Winter Reads, Part II: Au, Glück, Hall, Rautiainen, Slaght

In the week before Christmas I reviewed a first batch of wintry reads. We’ve had hardly any snowfall here in southern England this season, so I gave up on it in real life and sought winter weather on the page. After we’ve seen the back of Storm Franklin (it’s already moved on from Eunice!), I hope it will feel appropriate to start right in on some spring reading. But for today I have a Tokyo-set novella, sombre poems, an OTT contemporary Gothic novel, historical fiction in translation from the Finnish, and – the cream of the crop – a real-life environmentalist adventure in Russia.


Cold Enough for Snow by Jessica Au (2022)

This slim work will be released in the UK by Fitzcarraldo Editions on the 23rd and came out elsewhere this month from New Directions and Giramondo. I actually read it in December during my travel back from the States. It’s a delicate work of autofiction – it reads most like a Chloe Aridjis or Rachel Cusk novel – about a woman and her Hong Kong-raised mother on a trip to Tokyo. You get a bit of a flavour of Japan through their tourism (a museum, a temple, handicrafts, trains, meals), but the real focus is internal as Au subtly probes the workings of memory and generational bonds.

The woman and her mother engage in surprisingly deep conversations about the soul and the meaning of life, but these are conveyed indirectly rather than through dialogue: “she said that she believed that we were all essentially nothing, just series of sensations and desires, none of it lasting. … The best we could do in this life was to pass through it, like smoke through the branches”. Though I highlighted a fair few passages, I find that no details have stuck with me. This is just the sort of spare book I can admire but not warm to. (NetGalley)


Winter Recipes from the Collective by Louise Glück (2021)

The only other poetry collection of Glück’s that I’d read was Vita Nova. This, her first release since her Nobel Prize win, was my final read of 2021 and my shortest, at 40-some pages; it’s composed of just 15 poems, a few of which stretch to five pages or more. “The Denial of Death,” a prose piece with more of the feel of an autobiographical travel essay, was a standout; the title poem, again in prose paragraphs, and the following one, “Winter Journey,” about farewells, bear a melancholy chill. Memories and dreams take pride of place, with the poet’s sister appearing frequently. “How heavy my mind is, filled with the past.” There are also multiple references to Chinese concepts and characters (as on the cover). The overall style is more aphoristic and reflective than expected. Few individual lines or images stood out to me.

With thanks to Carcanet Press for the e-copy for review.


The Snow Collectors by Tina May Hall (2020)
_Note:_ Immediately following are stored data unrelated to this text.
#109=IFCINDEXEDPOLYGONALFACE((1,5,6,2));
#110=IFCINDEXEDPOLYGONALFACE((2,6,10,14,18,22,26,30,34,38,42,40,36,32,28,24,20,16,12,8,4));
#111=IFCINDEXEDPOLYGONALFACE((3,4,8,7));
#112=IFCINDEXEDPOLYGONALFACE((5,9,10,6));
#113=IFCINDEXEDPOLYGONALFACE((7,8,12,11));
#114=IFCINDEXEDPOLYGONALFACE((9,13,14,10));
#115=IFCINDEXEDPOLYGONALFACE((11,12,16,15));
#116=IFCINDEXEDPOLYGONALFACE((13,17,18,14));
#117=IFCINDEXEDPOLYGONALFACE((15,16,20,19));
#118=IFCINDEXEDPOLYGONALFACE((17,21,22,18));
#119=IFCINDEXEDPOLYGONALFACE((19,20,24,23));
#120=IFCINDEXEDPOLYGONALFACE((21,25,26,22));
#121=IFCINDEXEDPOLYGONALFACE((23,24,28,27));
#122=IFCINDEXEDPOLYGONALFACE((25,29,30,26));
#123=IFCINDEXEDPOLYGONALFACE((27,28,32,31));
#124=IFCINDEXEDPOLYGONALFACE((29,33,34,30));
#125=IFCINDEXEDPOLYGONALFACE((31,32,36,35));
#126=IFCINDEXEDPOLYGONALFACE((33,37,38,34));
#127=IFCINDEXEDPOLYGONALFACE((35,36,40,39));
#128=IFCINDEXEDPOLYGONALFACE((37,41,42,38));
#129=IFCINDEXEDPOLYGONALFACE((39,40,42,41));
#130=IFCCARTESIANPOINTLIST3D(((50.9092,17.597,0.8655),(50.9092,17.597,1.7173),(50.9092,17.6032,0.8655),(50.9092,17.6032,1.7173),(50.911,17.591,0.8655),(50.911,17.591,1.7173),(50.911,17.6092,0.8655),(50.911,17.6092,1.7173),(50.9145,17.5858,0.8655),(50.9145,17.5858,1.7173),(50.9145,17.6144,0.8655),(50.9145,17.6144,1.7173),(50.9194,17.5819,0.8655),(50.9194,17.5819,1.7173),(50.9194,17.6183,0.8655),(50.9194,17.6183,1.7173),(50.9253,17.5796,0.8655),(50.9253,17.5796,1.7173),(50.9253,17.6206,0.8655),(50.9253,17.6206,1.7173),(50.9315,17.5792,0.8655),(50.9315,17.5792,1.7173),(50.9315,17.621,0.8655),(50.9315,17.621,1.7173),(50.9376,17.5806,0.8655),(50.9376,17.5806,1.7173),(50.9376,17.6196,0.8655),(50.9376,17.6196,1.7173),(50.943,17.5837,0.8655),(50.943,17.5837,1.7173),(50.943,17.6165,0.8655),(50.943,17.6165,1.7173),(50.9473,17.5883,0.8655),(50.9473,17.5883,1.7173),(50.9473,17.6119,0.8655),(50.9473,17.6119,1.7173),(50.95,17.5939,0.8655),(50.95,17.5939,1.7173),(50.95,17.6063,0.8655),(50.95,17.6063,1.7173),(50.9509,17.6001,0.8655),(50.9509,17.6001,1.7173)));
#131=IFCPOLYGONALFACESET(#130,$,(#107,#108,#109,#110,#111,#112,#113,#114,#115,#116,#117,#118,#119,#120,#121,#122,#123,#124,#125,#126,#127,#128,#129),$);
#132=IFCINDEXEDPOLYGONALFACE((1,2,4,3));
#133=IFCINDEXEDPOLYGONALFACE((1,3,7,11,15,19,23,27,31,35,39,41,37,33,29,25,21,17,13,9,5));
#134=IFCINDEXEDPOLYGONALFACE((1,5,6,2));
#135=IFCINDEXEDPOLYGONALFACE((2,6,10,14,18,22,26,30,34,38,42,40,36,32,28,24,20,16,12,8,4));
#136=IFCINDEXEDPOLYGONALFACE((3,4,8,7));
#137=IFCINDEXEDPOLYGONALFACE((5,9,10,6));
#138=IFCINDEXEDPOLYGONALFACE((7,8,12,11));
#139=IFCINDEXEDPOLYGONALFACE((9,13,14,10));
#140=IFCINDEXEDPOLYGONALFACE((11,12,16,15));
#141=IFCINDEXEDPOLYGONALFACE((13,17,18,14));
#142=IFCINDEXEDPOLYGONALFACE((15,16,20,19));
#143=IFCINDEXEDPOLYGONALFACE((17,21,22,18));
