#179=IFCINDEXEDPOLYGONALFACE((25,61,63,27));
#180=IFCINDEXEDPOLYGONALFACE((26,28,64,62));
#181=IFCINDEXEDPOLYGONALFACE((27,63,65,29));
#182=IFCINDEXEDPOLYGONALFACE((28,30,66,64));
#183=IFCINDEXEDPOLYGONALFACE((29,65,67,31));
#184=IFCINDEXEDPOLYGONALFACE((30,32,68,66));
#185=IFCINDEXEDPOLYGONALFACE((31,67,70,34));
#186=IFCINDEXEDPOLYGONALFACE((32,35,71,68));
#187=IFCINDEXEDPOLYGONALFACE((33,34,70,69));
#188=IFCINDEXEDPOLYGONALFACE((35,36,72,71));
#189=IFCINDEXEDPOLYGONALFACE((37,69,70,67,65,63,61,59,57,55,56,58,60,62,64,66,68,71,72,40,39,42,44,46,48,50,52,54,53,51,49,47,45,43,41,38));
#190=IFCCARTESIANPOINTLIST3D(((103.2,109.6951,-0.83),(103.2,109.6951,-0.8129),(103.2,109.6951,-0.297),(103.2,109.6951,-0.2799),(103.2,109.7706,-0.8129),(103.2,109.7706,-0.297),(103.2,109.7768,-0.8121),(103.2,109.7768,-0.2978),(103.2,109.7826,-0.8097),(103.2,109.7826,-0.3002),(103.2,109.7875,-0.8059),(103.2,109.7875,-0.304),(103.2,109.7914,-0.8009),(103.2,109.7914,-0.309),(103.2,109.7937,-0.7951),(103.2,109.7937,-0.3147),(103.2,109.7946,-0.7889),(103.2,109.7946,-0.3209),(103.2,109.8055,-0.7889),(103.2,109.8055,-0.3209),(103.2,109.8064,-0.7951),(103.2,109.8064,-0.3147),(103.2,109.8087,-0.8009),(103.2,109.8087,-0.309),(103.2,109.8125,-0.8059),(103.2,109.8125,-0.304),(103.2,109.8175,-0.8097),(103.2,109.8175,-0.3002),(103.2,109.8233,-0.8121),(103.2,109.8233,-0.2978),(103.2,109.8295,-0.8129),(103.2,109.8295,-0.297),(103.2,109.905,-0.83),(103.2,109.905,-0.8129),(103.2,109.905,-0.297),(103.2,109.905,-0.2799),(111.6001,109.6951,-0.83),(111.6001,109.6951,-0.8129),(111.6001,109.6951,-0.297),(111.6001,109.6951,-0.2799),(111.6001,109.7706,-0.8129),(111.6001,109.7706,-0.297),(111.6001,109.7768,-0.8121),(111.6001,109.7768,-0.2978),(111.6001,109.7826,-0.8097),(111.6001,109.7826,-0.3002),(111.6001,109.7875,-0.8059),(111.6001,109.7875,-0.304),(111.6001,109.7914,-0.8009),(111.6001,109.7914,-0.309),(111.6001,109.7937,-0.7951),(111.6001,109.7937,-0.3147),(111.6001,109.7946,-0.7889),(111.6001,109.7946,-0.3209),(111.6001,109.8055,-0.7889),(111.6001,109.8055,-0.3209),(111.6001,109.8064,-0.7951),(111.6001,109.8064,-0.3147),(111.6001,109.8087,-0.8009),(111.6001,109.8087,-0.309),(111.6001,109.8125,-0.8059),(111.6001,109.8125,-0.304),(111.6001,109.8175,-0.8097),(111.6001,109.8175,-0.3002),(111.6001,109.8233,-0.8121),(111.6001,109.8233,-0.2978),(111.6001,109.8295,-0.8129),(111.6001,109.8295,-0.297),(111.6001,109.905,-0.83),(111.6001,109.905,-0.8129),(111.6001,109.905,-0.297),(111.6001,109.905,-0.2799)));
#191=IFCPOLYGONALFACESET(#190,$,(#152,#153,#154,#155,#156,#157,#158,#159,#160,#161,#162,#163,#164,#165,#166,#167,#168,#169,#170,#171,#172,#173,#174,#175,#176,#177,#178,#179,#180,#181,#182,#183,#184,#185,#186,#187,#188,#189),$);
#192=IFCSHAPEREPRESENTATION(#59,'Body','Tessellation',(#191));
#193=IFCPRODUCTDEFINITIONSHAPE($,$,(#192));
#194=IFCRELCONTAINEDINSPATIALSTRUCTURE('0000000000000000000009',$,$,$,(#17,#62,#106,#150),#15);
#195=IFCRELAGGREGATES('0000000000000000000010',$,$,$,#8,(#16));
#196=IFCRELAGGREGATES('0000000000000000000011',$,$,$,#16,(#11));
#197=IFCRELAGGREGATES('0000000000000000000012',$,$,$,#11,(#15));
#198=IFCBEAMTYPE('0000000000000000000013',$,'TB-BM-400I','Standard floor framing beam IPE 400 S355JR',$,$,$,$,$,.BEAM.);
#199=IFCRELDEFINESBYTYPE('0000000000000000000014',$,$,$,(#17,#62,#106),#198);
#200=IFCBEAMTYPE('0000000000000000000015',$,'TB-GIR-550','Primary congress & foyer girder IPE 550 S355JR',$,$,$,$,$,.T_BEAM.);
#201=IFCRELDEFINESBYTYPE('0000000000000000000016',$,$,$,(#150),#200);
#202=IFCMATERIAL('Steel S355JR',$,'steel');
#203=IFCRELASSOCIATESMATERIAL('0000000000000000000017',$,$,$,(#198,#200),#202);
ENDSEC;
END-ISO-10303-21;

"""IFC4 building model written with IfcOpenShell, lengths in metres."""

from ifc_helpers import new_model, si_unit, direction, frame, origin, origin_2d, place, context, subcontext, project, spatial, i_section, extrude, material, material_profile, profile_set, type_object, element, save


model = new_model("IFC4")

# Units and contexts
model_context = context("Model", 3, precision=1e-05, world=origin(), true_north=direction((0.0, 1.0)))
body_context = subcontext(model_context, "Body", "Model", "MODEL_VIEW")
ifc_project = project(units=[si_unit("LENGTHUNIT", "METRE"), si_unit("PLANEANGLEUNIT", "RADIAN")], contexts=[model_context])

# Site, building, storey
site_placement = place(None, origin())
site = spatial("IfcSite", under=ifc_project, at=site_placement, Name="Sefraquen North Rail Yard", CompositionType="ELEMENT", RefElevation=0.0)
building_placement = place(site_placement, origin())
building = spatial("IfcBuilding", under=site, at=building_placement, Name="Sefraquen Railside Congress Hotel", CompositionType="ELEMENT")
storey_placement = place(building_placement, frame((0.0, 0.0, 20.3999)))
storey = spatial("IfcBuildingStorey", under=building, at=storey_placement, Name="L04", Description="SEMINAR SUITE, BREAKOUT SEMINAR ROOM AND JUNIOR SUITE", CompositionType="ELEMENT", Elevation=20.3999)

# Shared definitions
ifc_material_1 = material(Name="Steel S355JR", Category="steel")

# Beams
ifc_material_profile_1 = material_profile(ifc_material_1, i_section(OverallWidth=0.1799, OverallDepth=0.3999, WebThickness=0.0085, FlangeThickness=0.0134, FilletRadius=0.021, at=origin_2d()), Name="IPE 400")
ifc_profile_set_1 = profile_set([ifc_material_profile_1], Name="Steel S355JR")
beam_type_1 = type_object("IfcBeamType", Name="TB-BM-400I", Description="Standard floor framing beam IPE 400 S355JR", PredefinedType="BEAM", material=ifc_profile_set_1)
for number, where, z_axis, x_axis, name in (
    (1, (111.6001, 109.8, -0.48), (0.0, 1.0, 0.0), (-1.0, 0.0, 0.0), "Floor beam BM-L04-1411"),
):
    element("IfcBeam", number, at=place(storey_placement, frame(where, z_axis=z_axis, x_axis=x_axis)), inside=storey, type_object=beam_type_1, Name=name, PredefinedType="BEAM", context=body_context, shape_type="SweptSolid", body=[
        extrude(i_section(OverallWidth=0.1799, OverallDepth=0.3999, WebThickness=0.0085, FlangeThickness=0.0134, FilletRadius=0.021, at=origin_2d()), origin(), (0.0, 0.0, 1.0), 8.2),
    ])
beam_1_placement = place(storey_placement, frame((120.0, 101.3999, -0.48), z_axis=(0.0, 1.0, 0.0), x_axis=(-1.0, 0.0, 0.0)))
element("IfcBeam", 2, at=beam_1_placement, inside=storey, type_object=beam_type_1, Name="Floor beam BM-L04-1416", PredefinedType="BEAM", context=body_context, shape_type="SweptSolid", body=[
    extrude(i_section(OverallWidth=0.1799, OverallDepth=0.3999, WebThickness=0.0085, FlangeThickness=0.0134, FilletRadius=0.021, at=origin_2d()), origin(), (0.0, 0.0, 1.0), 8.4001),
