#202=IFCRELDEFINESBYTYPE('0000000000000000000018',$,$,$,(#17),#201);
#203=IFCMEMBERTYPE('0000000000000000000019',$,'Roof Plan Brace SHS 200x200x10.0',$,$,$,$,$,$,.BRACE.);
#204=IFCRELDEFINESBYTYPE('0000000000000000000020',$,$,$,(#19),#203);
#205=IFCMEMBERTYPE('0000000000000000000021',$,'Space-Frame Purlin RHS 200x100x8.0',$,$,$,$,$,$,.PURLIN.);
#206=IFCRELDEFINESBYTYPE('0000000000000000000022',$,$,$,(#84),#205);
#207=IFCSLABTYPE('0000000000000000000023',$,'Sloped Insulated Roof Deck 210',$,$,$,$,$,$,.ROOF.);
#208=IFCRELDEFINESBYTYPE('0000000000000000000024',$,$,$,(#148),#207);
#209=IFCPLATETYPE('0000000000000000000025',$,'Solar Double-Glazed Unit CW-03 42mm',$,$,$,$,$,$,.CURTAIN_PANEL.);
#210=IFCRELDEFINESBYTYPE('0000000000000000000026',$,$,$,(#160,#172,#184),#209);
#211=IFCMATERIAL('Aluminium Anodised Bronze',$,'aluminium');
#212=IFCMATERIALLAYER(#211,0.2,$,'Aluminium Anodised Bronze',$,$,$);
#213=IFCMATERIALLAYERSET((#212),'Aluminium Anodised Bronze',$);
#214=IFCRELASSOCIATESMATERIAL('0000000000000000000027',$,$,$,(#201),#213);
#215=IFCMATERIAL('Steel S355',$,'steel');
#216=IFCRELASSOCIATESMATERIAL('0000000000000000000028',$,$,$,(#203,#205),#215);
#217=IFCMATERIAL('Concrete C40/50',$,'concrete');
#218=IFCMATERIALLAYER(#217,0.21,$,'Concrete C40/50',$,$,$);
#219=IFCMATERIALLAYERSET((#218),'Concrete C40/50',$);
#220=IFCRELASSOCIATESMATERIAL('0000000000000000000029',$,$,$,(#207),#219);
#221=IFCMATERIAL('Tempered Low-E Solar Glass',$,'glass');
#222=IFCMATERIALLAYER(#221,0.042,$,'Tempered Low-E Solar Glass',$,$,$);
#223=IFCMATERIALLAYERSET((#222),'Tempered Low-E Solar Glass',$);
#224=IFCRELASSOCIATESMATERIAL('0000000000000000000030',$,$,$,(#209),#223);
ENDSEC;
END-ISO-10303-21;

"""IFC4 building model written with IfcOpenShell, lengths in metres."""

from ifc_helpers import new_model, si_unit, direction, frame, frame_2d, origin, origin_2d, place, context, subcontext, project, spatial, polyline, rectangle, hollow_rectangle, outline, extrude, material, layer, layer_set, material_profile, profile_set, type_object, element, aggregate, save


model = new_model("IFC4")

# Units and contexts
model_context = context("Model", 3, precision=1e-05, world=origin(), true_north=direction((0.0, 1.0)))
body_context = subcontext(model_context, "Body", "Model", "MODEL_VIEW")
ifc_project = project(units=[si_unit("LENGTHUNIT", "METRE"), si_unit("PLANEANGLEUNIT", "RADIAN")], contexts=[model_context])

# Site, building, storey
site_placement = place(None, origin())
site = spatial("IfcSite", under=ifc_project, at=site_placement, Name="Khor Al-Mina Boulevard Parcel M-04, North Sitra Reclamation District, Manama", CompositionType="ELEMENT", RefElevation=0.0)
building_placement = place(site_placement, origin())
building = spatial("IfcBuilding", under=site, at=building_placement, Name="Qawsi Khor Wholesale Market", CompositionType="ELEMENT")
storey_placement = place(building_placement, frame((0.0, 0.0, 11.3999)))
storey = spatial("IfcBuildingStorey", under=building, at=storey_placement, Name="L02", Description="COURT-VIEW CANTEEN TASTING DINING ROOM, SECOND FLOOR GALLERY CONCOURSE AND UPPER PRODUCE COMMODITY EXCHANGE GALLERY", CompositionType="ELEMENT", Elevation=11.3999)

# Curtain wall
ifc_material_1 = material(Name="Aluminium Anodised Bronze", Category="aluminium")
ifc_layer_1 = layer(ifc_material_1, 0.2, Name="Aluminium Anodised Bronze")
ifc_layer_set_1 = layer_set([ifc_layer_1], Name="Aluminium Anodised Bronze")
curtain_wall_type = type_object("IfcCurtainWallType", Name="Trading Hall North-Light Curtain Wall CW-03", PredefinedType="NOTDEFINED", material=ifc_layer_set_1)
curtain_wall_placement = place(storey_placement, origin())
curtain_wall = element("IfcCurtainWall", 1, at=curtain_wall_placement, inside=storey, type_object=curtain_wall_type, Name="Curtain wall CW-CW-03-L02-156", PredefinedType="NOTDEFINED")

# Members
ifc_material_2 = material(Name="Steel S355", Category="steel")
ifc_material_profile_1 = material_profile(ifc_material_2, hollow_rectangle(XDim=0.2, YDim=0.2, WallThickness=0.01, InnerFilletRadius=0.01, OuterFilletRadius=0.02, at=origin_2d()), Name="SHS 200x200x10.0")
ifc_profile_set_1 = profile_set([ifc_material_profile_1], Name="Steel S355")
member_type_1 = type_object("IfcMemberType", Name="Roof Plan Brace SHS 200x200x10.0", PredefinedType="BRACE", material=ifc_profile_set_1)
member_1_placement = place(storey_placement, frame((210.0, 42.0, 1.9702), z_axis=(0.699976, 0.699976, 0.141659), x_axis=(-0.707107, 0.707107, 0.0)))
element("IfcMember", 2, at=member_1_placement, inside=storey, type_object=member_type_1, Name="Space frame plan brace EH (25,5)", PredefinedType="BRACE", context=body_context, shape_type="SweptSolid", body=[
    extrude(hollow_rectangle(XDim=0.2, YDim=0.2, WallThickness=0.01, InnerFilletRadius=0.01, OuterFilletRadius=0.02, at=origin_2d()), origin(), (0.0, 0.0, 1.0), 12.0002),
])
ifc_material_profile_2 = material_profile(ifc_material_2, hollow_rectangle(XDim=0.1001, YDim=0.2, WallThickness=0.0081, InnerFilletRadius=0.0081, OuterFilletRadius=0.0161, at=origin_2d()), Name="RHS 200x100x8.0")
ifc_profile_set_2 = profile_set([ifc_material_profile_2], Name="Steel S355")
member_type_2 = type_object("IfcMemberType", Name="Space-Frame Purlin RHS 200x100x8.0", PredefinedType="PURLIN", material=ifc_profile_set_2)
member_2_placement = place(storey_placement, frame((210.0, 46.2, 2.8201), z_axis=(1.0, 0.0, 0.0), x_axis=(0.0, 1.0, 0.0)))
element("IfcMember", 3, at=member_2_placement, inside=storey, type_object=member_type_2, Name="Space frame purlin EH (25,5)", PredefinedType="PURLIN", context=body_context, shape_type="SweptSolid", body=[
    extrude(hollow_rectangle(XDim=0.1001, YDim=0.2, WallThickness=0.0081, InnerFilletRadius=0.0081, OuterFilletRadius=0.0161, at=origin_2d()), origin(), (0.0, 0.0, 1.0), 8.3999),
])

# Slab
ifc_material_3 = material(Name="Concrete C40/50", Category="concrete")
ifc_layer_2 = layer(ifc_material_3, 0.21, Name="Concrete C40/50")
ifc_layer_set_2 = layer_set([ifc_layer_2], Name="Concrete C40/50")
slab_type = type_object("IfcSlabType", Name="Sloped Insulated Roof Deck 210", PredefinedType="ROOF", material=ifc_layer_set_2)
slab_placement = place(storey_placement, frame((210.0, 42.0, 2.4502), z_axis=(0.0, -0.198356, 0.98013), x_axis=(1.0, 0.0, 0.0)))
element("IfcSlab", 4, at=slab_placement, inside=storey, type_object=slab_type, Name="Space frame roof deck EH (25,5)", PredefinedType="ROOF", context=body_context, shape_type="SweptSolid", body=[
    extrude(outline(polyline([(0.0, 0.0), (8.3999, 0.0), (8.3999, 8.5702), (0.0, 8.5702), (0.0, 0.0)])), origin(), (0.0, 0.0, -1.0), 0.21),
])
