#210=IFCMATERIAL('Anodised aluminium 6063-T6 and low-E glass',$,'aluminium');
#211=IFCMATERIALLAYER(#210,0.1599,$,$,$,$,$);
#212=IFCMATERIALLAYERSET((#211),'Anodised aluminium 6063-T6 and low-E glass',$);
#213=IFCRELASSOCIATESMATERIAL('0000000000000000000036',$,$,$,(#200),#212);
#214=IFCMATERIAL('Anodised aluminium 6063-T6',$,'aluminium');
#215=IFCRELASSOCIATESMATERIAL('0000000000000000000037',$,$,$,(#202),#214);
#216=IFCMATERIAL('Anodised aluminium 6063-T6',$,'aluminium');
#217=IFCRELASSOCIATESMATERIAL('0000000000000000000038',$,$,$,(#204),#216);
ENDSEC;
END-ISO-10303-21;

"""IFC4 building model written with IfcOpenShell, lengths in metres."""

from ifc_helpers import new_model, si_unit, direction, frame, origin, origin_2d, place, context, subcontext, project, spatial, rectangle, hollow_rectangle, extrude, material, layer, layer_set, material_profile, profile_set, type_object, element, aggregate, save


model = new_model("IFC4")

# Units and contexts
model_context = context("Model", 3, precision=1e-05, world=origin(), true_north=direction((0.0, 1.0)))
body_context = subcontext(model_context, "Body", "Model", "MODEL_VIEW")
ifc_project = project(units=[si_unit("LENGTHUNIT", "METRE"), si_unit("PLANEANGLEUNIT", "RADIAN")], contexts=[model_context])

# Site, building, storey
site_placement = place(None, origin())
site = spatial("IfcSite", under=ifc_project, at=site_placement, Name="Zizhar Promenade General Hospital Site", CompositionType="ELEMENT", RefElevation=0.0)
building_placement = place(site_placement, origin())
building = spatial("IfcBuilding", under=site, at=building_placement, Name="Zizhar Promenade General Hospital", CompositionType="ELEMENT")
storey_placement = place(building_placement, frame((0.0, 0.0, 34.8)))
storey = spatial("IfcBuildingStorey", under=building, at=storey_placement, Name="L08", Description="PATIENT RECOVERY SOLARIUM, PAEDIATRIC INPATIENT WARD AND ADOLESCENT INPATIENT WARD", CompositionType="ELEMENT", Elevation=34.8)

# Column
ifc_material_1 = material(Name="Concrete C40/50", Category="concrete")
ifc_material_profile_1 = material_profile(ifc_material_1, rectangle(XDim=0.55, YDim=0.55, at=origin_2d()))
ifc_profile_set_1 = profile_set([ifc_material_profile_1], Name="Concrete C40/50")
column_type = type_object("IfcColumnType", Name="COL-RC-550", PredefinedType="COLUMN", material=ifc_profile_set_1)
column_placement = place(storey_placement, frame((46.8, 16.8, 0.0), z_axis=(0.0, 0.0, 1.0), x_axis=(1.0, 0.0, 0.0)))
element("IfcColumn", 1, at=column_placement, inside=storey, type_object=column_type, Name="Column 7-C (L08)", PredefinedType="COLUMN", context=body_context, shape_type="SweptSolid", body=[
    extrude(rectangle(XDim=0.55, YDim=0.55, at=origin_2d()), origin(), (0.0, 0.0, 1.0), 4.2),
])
Henna is alone in the world since her parents and twin sister disappeared in a boating accident. She lives a solitary existence with her sister’s basset hound Rembrandt in a New England village, writing encyclopaedia entries on the Arctic, until she stumbles on a corpse and embarks on an amateur investigation involving scraps of 19th-century correspondence. The dead woman asked inconvenient questions about a historical cover-up; if she takes up the thread, Henna could be a target, too. Her collaboration with the police chief, Fletcher, turns into a flirtation. After her house burns down, she ends up living with him – and his mother and housekeeper – in a Gothic mansion stuffed with birds of prey and historical snow samples. She’s at the mercy of this quirky family and the weather, wearing ancient clothing from Fletcher’s great-aunts and tramping through blizzards looking for answers.

This is a kitchen-sink novel with loads going on, as if Hall couldn’t decide which of her interests to include so threw them all in. Yet at only 221 pages, it might actually have been expanded a little to flesh out the backstory and mystery plot. It gets more than a bit ridiculous in places, but its Victorian fan fiction vibe is charming escapism nonetheless. What with the historical fiction interludes about the Franklin expedition, this reminded me most of The Still Point, but also of The World Before Us and The Birth House. I’d happily read Hall’s 2010 short story collection, too. (Christmas gift)


Land of Snow and Ashes by Petra Rautiainen (2022)

[Translated from the Finnish by David Hackston]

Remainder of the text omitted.